When consumers began to demand more product reliability and product choices and producers searched for ways to satisfy them, companies had to reinvent manufacturing techniques and objectives.
To accommodate “the needs and wants of the customer” and “doing it right the first time,” has quality and cost considerations right at the center of it all.
Obviously, the manufacturer capable of producing a quality product productively and economically, has the edge in a competitive marketplace.
It is a misconception to assume, that quality and cost are diverging criteria. In fact, there are numerous proven tools, systems and processes, if applied properly and systematically, that lower manufacturing costs by simultaneously increasing product quality.

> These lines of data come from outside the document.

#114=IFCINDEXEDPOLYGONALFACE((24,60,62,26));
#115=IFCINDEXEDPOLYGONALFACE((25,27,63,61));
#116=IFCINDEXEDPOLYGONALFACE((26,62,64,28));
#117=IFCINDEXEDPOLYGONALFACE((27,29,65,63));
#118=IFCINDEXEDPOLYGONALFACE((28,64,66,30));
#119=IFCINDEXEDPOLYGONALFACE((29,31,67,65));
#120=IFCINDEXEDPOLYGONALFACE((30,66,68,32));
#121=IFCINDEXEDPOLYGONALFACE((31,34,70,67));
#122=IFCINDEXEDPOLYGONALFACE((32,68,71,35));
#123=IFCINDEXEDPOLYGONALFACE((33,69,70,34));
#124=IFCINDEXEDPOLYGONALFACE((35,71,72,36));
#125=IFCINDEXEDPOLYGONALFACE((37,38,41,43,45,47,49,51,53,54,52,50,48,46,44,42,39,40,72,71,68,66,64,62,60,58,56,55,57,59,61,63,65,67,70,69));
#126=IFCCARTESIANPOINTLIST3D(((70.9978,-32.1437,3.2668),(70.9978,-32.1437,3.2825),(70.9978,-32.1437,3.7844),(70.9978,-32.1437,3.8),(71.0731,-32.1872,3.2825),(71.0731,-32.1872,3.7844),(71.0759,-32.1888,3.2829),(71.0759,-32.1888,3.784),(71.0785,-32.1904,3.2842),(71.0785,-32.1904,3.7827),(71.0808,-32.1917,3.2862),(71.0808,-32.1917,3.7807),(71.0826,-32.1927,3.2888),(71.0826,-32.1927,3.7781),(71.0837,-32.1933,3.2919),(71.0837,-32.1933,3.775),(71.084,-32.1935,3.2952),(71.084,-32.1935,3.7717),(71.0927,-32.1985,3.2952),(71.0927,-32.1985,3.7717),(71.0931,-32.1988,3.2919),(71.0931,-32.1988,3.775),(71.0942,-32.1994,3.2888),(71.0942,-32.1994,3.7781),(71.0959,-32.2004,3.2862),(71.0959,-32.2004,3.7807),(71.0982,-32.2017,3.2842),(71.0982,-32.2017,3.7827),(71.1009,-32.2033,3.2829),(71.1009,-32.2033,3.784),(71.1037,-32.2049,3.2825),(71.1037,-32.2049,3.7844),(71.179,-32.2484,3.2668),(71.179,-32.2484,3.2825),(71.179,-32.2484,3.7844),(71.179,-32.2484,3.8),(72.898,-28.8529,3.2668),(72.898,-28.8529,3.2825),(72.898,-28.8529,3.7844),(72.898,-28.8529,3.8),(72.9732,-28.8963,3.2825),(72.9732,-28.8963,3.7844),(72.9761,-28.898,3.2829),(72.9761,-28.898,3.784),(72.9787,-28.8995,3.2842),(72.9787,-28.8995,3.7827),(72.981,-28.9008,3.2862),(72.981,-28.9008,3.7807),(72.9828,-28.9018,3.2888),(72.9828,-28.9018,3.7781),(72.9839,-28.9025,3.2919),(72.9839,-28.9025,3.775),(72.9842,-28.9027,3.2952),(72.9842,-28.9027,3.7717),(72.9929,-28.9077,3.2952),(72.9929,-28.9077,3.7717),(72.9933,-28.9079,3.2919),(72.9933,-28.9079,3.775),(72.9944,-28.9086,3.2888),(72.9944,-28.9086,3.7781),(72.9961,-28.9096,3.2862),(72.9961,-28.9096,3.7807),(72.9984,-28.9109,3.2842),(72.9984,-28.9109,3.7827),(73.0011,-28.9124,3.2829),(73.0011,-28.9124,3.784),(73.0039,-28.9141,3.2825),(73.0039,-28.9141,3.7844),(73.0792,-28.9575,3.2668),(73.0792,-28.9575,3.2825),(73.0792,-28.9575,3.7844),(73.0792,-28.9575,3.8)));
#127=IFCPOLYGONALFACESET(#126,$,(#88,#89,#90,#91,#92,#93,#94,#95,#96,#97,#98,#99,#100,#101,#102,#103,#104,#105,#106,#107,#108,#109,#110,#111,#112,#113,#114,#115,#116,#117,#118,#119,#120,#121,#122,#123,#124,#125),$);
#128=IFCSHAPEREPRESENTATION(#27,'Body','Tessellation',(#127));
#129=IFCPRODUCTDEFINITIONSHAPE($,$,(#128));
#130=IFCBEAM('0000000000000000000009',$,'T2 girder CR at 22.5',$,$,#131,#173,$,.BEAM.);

Individually, they are good - together they are formidable.
The path to Low Cost - High Quality leads to:
PROCESS-ORIENTED MANUFACTURING - A given process determines performance and precision. Their correlation is such, that an increase in one, usually brings with it a decrease in the other. Only the switch to a different process can yield an increase in both performance and precision.

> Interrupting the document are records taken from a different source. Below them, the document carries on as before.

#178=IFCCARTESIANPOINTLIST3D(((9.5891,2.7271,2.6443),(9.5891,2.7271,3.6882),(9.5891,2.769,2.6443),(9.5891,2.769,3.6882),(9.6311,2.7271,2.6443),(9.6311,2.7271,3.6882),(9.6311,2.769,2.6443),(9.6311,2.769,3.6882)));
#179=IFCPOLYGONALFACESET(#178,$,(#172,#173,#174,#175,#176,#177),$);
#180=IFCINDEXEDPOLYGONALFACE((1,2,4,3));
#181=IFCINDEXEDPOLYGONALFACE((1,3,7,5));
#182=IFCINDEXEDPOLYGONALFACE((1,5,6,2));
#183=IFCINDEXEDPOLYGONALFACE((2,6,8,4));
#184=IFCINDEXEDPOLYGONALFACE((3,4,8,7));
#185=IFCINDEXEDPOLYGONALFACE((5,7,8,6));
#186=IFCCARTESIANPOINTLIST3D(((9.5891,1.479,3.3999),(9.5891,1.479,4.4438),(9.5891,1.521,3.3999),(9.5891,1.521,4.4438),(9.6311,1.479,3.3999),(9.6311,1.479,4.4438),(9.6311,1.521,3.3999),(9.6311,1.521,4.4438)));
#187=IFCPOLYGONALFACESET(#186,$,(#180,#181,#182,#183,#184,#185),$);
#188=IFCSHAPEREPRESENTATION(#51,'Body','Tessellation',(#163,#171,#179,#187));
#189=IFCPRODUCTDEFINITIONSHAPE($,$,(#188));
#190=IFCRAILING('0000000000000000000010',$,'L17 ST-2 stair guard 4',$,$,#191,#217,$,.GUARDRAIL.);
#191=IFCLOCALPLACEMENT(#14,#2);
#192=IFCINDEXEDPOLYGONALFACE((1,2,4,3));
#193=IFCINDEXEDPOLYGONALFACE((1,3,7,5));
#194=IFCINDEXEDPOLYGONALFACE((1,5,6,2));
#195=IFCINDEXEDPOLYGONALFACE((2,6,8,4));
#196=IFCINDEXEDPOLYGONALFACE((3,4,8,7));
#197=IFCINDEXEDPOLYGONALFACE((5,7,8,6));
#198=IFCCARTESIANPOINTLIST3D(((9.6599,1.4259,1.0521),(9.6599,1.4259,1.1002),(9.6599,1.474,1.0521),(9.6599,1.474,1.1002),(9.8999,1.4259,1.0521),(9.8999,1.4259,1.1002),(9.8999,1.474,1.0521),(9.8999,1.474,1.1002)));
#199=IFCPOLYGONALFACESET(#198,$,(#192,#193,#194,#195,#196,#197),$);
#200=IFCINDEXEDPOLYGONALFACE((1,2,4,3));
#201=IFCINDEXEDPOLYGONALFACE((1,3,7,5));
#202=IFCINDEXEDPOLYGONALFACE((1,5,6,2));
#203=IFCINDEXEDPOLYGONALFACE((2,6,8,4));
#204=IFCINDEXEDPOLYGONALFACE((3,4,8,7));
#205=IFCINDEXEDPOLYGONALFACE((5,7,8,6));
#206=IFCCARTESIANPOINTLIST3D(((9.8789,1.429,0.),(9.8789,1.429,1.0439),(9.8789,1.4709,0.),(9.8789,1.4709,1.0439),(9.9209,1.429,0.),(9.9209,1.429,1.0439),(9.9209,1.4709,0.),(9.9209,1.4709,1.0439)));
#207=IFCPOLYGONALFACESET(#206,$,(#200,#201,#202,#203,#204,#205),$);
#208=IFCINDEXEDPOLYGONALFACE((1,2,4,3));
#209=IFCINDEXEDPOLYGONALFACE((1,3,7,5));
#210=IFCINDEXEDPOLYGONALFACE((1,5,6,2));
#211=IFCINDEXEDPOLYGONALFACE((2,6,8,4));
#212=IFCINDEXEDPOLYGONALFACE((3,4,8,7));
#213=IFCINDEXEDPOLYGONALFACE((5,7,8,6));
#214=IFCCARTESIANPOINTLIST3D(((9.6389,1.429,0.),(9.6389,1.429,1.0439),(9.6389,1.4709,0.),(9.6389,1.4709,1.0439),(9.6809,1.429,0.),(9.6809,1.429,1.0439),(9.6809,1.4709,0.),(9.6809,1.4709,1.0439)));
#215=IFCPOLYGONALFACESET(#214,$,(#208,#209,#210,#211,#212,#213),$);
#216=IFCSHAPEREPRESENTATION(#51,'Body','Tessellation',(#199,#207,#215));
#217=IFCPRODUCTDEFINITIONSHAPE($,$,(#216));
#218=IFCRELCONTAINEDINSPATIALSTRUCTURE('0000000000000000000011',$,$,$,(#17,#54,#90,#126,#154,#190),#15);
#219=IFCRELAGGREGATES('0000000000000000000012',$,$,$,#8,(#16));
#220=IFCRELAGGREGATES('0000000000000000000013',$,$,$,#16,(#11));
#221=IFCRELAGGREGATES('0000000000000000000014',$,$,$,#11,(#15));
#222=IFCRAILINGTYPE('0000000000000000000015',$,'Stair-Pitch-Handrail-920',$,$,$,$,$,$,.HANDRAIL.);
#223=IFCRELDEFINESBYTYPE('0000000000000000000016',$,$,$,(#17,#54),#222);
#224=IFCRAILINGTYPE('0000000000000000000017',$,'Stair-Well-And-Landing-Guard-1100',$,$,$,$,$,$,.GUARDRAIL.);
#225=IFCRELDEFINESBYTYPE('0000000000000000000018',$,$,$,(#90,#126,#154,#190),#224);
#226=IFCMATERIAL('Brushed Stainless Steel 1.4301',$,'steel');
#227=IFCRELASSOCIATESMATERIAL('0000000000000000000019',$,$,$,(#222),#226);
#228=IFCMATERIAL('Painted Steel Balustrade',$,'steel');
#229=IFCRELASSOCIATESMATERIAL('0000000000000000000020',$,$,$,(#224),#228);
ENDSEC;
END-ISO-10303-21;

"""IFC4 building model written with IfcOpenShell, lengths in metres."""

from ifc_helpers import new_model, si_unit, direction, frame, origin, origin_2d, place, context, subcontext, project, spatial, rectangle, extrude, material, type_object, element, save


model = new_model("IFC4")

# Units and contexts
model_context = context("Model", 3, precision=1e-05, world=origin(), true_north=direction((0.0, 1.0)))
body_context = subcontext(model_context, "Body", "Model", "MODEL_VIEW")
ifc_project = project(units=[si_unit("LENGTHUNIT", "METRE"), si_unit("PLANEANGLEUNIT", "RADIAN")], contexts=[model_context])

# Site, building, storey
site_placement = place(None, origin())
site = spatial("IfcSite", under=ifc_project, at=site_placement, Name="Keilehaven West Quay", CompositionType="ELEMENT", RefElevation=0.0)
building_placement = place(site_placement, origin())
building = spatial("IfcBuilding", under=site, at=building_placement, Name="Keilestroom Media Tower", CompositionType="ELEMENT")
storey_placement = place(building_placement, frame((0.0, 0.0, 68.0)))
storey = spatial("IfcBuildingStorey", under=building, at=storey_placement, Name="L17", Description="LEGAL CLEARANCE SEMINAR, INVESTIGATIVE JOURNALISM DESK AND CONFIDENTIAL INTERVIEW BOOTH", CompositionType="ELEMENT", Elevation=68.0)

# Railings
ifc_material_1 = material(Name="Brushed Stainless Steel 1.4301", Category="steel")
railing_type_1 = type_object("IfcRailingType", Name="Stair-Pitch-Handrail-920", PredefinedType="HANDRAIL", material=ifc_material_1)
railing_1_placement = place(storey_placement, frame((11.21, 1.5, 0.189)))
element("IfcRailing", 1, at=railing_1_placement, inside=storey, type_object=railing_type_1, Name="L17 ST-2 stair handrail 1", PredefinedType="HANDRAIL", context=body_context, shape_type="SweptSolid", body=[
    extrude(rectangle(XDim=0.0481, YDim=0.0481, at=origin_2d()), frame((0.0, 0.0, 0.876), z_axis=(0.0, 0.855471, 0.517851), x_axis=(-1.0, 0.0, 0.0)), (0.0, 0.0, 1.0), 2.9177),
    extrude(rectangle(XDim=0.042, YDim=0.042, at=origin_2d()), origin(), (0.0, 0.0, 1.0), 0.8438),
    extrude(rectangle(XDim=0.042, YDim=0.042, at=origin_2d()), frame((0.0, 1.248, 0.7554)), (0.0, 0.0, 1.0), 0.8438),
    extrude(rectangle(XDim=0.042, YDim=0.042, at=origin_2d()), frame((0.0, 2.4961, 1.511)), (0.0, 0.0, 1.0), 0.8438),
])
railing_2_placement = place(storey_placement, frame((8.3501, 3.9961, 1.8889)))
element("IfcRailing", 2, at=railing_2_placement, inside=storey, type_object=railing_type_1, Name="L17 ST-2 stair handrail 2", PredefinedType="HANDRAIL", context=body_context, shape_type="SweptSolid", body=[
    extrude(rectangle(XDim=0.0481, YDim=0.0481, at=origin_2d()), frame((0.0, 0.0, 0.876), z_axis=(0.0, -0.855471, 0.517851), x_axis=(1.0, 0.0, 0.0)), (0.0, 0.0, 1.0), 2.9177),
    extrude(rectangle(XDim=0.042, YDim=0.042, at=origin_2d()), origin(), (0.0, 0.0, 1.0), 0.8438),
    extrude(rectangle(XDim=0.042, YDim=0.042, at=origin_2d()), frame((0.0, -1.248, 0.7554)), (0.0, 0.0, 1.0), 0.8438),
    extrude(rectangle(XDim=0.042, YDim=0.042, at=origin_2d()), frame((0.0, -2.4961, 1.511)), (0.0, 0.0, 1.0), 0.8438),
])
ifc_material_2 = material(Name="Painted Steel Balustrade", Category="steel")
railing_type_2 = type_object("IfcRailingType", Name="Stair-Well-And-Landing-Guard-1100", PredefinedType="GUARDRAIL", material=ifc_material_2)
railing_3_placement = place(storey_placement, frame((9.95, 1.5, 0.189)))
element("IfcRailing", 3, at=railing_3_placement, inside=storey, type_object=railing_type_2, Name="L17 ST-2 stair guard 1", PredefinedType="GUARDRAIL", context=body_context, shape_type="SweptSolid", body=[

APPLIED CONCURRENT ENGINEERING - Patching up and reworking are costly. Eliminating production problems before they happen, can easily be applied with the right cooperative engineering principles
SIMPLIFYING MACHINING AND OPTIMIZING IT - Design Engineering and Production Engineering must direct their attention to the individual aspects of machining that determine its economical aspects.

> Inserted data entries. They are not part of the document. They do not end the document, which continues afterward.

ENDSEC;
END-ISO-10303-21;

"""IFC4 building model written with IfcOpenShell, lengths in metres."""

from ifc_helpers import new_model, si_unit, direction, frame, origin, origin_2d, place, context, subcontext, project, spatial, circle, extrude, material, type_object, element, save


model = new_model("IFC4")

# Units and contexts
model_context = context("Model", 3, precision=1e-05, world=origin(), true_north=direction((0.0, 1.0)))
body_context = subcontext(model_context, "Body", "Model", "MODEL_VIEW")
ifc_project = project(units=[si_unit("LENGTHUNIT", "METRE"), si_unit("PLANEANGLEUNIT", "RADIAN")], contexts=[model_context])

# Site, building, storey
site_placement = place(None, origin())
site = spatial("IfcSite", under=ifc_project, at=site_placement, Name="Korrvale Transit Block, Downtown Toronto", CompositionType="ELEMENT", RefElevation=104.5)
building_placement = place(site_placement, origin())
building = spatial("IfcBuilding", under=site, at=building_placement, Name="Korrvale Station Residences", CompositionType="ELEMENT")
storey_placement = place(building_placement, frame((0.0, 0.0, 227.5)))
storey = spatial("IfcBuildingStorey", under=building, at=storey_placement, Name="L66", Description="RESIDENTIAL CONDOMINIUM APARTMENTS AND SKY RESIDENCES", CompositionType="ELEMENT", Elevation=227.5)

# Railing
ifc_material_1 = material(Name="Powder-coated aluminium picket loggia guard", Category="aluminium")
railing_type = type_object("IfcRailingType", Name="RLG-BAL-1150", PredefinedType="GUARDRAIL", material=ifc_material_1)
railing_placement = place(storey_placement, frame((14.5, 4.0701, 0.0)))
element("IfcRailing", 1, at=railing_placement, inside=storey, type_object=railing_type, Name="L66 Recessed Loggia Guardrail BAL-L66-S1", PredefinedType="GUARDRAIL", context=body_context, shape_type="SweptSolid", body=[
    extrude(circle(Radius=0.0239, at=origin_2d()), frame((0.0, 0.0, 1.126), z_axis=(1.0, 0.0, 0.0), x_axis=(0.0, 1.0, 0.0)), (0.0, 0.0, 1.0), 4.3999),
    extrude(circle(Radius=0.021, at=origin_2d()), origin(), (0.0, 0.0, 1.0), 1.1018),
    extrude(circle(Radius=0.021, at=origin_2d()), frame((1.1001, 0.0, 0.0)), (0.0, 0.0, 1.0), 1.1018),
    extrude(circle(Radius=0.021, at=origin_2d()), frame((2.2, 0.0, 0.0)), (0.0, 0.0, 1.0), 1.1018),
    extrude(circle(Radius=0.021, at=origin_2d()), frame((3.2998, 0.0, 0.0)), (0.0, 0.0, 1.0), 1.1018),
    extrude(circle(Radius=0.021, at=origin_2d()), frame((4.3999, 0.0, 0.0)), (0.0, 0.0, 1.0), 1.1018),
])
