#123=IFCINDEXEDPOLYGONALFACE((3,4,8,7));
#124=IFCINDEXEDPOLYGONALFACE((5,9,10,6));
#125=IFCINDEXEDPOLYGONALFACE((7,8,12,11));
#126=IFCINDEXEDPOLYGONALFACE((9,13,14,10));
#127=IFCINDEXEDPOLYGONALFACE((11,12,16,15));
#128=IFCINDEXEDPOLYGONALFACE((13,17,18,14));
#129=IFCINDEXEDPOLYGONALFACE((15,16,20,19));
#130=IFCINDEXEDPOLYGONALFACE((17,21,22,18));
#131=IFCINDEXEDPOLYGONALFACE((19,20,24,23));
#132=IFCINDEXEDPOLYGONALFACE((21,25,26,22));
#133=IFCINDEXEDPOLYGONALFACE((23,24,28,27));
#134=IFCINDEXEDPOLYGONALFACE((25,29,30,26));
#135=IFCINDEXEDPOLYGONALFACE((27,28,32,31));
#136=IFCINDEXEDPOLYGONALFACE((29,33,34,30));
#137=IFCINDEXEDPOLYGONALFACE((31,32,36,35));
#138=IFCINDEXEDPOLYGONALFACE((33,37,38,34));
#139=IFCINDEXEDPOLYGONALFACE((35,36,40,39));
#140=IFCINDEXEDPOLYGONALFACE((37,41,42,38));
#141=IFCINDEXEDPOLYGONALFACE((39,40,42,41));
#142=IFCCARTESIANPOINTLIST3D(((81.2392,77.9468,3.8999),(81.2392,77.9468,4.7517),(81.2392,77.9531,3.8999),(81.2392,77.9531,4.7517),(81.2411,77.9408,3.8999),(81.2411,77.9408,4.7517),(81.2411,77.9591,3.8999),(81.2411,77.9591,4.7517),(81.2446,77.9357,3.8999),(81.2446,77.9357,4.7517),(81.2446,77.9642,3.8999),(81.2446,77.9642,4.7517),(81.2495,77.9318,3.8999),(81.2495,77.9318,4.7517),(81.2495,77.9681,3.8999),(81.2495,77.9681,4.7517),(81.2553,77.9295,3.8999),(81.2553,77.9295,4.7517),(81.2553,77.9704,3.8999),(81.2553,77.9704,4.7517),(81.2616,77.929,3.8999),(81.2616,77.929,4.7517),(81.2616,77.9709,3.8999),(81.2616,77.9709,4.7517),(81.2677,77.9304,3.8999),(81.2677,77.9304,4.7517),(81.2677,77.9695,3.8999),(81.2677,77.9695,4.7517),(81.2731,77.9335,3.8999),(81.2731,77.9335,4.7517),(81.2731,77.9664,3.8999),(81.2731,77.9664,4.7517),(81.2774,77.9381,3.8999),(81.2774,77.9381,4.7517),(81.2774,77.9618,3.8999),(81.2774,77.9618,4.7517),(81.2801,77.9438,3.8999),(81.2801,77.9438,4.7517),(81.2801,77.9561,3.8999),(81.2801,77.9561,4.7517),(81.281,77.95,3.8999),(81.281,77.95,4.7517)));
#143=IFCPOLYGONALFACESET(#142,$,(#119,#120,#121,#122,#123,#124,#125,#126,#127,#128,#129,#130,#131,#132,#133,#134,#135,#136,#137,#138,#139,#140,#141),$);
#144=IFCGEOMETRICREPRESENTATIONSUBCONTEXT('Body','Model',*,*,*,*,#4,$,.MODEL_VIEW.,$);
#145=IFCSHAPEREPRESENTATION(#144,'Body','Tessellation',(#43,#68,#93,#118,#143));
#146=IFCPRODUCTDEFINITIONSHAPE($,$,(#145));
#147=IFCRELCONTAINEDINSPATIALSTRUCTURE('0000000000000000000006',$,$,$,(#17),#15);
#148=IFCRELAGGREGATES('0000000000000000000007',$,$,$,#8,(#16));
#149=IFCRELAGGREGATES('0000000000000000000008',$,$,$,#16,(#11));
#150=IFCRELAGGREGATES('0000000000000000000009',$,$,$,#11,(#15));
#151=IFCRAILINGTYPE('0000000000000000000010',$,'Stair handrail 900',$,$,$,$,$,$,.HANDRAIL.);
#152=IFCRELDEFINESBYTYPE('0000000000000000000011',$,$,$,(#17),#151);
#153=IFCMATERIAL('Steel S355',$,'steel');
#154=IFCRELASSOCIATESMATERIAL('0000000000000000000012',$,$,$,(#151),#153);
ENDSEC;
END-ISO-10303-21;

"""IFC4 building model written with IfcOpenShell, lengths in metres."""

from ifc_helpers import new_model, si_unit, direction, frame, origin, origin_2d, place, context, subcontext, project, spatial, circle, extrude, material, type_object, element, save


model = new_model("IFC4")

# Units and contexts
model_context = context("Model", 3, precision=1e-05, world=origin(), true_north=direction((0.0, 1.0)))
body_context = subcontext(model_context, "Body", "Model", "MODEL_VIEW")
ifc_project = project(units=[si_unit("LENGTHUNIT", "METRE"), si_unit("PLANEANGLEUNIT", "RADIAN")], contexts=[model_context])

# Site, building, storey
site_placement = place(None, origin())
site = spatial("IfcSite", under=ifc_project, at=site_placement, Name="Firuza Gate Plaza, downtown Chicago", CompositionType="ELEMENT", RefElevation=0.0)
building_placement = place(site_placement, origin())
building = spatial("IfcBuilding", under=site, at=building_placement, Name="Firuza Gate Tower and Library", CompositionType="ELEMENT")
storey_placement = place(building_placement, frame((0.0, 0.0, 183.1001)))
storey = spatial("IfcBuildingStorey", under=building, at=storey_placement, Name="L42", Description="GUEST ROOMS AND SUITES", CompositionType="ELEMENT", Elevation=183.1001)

SUBSTITUTING CUTTING TOOL TECHNOLOGY - Some machining processes have improved over others in recent years, hence substituting them just make sense. Case in point: hard turning vs. grinding, or slot milling vs. EDM, or fineboring vs. reaming and others.
ADVANCED TOOLING SYSTEMS - Intricately designed cutting tool systems open up avenues of unheard of proportions. One-pass machining, one-side machining and combination tooling improve manufacturing consistency and predictability.
THE FUTURE HAS ALREADY BEGUN - Manufacturing's goal of increasing quality and decreasing cost associated with it is a realistic goal indeed, if we only put the proven processes, systems and techniques in place.